Phillie: This year, the youngest Phillie with at least 250 plate appearances was John Mayberry. He'll turn 29 in a few weeks. The Phillies' two youngest hitters were Freddy Galvis (22) and Domonic Brown (24), neither of whom were exactly lighting up the scoreboards. Among the hurlers, Vance Worley is both young and good, but hardly immortal. This team is just flat old, with little hope of getting younger anytime soon. Hey, Cole Hamels is only 28. Maybe they should extend him through 2022. Makes more sense than Ryan Howard's contract.
Pirate: I just discovered that Clint Barmes is going to earn $5.5 million next season. If he doesn't fly into New York for Marvin Miller's funeral ... Anyway, the Pirates already lay claim to Andrew McCutchen's talents through 2018, so why not four more years? Sure, McCutchen will be 35 in 2022. But he seems like a genuinely outstanding person, and there's no reason to think he won't still be good then. Sure, you could take a flyer on Starling Marte. But he's only two years younger than McCutchen.

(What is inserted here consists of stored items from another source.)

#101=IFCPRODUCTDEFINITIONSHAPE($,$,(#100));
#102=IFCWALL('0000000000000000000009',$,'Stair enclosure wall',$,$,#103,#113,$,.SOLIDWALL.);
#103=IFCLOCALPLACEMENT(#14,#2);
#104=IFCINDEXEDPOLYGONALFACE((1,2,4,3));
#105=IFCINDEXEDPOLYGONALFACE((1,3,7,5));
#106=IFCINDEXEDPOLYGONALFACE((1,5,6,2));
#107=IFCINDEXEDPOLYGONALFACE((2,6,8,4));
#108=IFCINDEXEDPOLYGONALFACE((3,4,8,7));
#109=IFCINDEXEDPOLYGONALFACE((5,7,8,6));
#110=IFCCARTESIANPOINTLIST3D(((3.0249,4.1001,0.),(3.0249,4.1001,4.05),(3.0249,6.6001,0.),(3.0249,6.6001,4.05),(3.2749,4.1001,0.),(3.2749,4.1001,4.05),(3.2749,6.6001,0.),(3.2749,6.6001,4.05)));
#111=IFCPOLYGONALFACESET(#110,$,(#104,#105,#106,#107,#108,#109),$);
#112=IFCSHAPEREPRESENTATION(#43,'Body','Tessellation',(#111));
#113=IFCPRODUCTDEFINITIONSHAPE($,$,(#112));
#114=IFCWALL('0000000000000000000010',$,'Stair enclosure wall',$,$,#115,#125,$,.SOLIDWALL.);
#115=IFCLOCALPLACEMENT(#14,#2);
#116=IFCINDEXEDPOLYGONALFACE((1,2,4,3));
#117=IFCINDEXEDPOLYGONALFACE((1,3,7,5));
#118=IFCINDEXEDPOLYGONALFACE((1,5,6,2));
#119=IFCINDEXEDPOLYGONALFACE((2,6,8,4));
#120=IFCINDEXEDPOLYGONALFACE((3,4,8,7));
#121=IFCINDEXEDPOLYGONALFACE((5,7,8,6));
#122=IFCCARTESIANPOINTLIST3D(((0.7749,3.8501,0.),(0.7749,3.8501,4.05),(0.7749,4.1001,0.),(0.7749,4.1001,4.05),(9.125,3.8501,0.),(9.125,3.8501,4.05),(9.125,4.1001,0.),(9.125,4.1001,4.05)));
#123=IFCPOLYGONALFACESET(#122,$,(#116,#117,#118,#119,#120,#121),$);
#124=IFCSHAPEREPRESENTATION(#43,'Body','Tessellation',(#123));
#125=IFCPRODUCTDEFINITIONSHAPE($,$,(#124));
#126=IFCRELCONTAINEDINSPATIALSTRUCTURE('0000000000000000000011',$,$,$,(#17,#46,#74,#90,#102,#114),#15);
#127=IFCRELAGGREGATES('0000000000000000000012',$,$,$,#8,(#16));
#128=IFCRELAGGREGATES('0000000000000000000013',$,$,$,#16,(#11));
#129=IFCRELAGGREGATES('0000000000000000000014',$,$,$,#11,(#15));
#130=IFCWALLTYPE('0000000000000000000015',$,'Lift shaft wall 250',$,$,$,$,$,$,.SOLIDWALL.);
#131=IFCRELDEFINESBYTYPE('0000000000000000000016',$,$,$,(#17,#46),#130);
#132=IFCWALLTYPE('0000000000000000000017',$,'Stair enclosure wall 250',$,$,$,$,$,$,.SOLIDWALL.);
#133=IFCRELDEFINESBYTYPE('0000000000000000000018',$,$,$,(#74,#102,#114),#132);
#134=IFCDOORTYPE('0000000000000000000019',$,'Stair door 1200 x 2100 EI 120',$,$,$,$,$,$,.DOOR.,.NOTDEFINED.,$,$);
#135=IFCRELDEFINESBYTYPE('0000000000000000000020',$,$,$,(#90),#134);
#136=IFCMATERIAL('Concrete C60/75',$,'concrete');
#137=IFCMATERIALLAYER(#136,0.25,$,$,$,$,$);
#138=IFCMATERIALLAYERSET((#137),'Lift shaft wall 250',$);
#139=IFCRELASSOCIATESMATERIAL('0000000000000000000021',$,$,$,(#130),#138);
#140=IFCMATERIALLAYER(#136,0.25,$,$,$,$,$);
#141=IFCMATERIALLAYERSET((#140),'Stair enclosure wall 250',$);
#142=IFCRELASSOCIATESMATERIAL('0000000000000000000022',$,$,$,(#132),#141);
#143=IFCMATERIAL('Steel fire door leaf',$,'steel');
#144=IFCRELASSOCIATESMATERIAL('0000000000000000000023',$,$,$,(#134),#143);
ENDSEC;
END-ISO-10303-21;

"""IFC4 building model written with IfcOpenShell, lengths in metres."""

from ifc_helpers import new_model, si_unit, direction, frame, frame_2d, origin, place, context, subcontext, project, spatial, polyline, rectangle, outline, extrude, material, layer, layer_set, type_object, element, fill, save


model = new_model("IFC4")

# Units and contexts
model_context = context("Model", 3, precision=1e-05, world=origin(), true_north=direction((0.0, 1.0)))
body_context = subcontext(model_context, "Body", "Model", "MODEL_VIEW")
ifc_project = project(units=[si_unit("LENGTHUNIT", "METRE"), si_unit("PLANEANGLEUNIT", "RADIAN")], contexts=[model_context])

Ranger: Boy, this is a tough one. The Rangers have two outstanding young players, and they're both shortstops. Elvis Andrus is 24, and battle-tested; Jurickson Barthelomeus Profar is 19, and has only 17 plate appearances above Double-A. I suppose you go with Andrus, twice an All-Star already ... except you can also make a pretty good case for trading him.
Red So: Oh, to have Anthony Rizzo back! But Rizzo's gone, now toiling for Theo Epstein's Cubs. Which leaves the Red Sox with just one outstanding young player: third baseman Will Middlebrooks. His control of the strike zone isn't great and he's no longer a baby. But he's the best young player on the roster. If you think he's healthy and you can sign him to a team-friendly deal ... Well, there are worse things you could do with your money, I guess. And thanks to the Dodgers, you've now got a lot of money.

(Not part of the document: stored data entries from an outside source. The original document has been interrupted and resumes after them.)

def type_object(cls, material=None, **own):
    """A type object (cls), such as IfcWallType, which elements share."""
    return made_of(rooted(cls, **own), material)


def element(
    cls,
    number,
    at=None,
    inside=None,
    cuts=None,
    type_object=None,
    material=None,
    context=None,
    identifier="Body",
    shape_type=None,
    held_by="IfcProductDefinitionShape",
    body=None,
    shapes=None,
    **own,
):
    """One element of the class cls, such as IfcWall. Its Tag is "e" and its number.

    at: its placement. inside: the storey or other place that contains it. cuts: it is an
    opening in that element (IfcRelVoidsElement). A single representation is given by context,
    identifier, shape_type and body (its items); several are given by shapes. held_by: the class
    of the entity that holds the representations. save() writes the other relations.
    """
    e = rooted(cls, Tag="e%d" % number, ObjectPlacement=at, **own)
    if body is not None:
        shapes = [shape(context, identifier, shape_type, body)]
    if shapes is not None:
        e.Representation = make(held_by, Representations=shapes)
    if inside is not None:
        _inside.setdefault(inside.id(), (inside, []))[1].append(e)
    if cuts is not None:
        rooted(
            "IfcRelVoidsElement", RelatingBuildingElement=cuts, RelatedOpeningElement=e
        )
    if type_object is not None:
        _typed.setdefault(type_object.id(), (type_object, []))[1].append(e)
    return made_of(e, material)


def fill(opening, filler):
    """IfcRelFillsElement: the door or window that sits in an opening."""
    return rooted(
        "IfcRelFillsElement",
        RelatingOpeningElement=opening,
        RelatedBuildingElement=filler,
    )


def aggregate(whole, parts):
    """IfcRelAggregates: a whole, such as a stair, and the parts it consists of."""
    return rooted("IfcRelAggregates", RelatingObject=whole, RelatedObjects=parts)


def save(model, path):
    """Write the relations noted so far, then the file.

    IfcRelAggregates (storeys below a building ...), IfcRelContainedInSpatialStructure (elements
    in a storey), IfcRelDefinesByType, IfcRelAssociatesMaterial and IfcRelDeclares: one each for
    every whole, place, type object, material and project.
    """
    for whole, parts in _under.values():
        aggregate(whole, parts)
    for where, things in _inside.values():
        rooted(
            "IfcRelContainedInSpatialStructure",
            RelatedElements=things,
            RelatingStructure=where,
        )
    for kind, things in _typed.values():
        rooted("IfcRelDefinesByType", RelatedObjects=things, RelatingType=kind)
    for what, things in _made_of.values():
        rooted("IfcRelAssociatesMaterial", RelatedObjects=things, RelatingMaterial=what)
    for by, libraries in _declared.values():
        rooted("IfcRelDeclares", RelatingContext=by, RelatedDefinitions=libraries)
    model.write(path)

Rockie: So here's a tricky thing. The Rockies' most interesting young player might be Josh Rutledge. But Rutledge plays shortstop, and the Rockies have another shortstop who's already signed through ... 2020. This, by the way, illustrates one of the pitfalls of incredibly lengthy contracts: Just a few years in, you might discover that you have a much cheaper option at the same position. Yes, Rutledge will probably shift to second base and thrive there. But it would be nice to have a choice.

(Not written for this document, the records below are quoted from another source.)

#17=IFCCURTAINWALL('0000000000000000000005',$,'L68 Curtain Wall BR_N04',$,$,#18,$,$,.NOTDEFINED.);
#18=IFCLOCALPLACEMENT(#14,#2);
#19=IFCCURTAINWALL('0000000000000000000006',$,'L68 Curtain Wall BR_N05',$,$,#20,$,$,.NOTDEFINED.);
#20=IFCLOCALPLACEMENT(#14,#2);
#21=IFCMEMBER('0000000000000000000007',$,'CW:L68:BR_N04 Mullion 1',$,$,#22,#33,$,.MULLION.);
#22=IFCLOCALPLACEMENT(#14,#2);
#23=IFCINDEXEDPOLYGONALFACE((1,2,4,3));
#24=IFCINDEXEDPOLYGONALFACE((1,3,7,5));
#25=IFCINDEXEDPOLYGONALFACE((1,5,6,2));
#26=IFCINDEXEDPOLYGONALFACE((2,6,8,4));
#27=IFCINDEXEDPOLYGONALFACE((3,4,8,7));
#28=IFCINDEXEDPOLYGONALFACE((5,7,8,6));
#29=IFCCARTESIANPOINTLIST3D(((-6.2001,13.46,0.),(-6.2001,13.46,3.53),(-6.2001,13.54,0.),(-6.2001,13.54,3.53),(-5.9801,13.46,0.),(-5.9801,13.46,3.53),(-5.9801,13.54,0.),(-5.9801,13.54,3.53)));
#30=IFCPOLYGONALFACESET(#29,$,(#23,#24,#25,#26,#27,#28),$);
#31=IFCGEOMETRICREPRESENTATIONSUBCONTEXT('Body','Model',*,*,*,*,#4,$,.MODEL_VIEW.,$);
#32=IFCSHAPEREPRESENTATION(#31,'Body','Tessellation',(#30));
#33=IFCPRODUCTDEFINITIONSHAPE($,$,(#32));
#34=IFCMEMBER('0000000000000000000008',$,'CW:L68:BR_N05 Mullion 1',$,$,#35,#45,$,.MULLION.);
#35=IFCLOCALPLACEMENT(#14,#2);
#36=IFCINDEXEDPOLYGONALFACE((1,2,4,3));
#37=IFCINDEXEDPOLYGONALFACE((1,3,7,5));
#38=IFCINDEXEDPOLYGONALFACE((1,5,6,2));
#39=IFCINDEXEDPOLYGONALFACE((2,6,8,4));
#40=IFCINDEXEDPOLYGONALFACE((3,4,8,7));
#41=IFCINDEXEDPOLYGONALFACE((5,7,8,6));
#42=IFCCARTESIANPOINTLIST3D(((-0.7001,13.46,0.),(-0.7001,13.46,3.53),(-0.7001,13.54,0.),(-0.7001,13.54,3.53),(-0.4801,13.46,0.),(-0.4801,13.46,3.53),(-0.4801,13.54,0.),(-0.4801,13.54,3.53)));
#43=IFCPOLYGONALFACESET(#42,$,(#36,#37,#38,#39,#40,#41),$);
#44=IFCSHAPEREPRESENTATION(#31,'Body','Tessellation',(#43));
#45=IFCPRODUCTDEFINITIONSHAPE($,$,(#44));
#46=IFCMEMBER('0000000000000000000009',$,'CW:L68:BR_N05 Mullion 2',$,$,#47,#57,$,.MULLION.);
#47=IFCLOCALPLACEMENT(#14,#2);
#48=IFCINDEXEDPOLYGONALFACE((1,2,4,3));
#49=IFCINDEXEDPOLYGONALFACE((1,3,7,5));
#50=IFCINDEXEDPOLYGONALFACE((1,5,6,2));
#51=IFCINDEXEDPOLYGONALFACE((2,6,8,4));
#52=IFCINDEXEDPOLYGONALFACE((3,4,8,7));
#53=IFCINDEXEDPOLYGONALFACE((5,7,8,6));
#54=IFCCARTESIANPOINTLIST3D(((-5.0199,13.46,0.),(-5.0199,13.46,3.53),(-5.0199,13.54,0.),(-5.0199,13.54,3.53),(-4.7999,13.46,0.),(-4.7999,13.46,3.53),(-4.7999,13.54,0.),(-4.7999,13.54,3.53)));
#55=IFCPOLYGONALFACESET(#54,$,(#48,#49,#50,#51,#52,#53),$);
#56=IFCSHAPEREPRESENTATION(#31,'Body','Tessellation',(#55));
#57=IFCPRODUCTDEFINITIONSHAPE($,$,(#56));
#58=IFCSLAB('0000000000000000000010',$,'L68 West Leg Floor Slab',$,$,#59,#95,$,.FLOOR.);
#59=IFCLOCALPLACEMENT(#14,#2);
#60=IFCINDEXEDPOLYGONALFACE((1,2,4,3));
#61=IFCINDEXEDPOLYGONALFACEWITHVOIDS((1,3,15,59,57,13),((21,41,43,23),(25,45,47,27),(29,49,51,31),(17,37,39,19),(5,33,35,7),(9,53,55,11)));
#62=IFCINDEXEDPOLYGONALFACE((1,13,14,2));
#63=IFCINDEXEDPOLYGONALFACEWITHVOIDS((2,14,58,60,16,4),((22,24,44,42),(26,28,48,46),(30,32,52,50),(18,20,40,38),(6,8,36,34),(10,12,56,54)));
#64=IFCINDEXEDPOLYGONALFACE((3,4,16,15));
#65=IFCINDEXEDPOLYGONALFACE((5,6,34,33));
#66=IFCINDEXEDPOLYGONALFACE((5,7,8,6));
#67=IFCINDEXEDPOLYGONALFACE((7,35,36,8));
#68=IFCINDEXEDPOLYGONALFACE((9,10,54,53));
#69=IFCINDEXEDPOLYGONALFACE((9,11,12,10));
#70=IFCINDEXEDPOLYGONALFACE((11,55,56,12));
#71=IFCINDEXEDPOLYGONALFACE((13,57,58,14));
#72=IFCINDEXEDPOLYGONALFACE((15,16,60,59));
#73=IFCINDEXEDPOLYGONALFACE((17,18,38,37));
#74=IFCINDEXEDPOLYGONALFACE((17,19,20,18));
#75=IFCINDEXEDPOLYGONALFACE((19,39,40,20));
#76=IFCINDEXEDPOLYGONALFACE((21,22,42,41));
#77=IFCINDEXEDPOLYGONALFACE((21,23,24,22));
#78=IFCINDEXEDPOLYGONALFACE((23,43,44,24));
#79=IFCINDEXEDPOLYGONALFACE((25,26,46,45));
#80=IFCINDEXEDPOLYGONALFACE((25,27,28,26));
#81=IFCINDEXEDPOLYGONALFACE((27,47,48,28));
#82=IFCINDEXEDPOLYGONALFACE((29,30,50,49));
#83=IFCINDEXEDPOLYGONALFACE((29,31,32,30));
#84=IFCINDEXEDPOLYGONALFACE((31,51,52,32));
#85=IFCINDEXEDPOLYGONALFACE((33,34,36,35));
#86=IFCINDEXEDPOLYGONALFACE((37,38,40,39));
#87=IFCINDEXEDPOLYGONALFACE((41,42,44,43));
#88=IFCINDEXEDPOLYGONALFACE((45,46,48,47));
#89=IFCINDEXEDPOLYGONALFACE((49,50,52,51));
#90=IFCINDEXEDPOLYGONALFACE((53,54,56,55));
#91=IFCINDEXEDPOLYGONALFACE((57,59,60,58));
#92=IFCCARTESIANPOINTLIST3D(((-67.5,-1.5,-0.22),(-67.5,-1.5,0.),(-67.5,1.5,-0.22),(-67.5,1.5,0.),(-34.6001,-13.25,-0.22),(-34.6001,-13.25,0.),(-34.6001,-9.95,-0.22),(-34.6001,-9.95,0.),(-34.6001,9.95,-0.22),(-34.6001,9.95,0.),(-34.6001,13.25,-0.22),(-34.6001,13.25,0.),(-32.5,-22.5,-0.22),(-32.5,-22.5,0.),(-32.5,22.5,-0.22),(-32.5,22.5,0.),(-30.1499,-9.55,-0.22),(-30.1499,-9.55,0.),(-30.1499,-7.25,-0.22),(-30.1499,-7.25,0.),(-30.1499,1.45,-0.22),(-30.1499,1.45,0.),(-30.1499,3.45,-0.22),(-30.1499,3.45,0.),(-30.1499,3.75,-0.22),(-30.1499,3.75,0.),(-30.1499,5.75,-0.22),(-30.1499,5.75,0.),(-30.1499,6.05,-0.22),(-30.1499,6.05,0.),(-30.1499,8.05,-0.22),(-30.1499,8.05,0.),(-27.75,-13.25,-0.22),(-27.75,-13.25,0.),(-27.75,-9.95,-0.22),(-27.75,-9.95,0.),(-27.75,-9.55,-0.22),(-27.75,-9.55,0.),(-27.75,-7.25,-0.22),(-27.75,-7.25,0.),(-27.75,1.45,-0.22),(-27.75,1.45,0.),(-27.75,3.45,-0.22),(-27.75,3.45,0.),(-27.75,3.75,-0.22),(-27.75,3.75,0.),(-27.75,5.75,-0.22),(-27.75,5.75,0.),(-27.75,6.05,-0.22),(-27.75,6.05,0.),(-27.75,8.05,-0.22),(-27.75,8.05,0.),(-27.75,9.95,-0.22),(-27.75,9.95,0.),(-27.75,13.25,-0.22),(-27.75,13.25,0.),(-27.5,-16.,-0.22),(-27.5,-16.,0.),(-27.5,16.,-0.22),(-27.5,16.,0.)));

Royal: At this moment, the Royals have three decent candidates for a megadeal: 24-year-old Mike Moustakas, 23-year-old Eric Hosmer, and (almost) 22-year-old Wil Myers. All of them have tremendous upsides, and all of them come with warning stickers. Moustakas owns a career .301 on-base percentage. Hosmer struggled terribly last season. And Myers doesn't have a single at-bat in the majors yet. I'm splitting the difference, because I still have a great deal of (perhaps misplaced) faith in Hosmer.
Tiger: Prince Fielder's already signed through 2020, so the Tigers don't have to "worry" about him getting away. Miguel Cabrera's signed through 2015. He'll turn 30 next spring, and you might think he's too old for an MMYC. But Cabrera will be 39 in '22; Albert Pujols's contract with the Angels will pay him $31 million when he's 41 years old. Which isn't to suggest that $31 million will be well-spent. But someone will probably be willing to pay Cabrera at least that much when he's 39.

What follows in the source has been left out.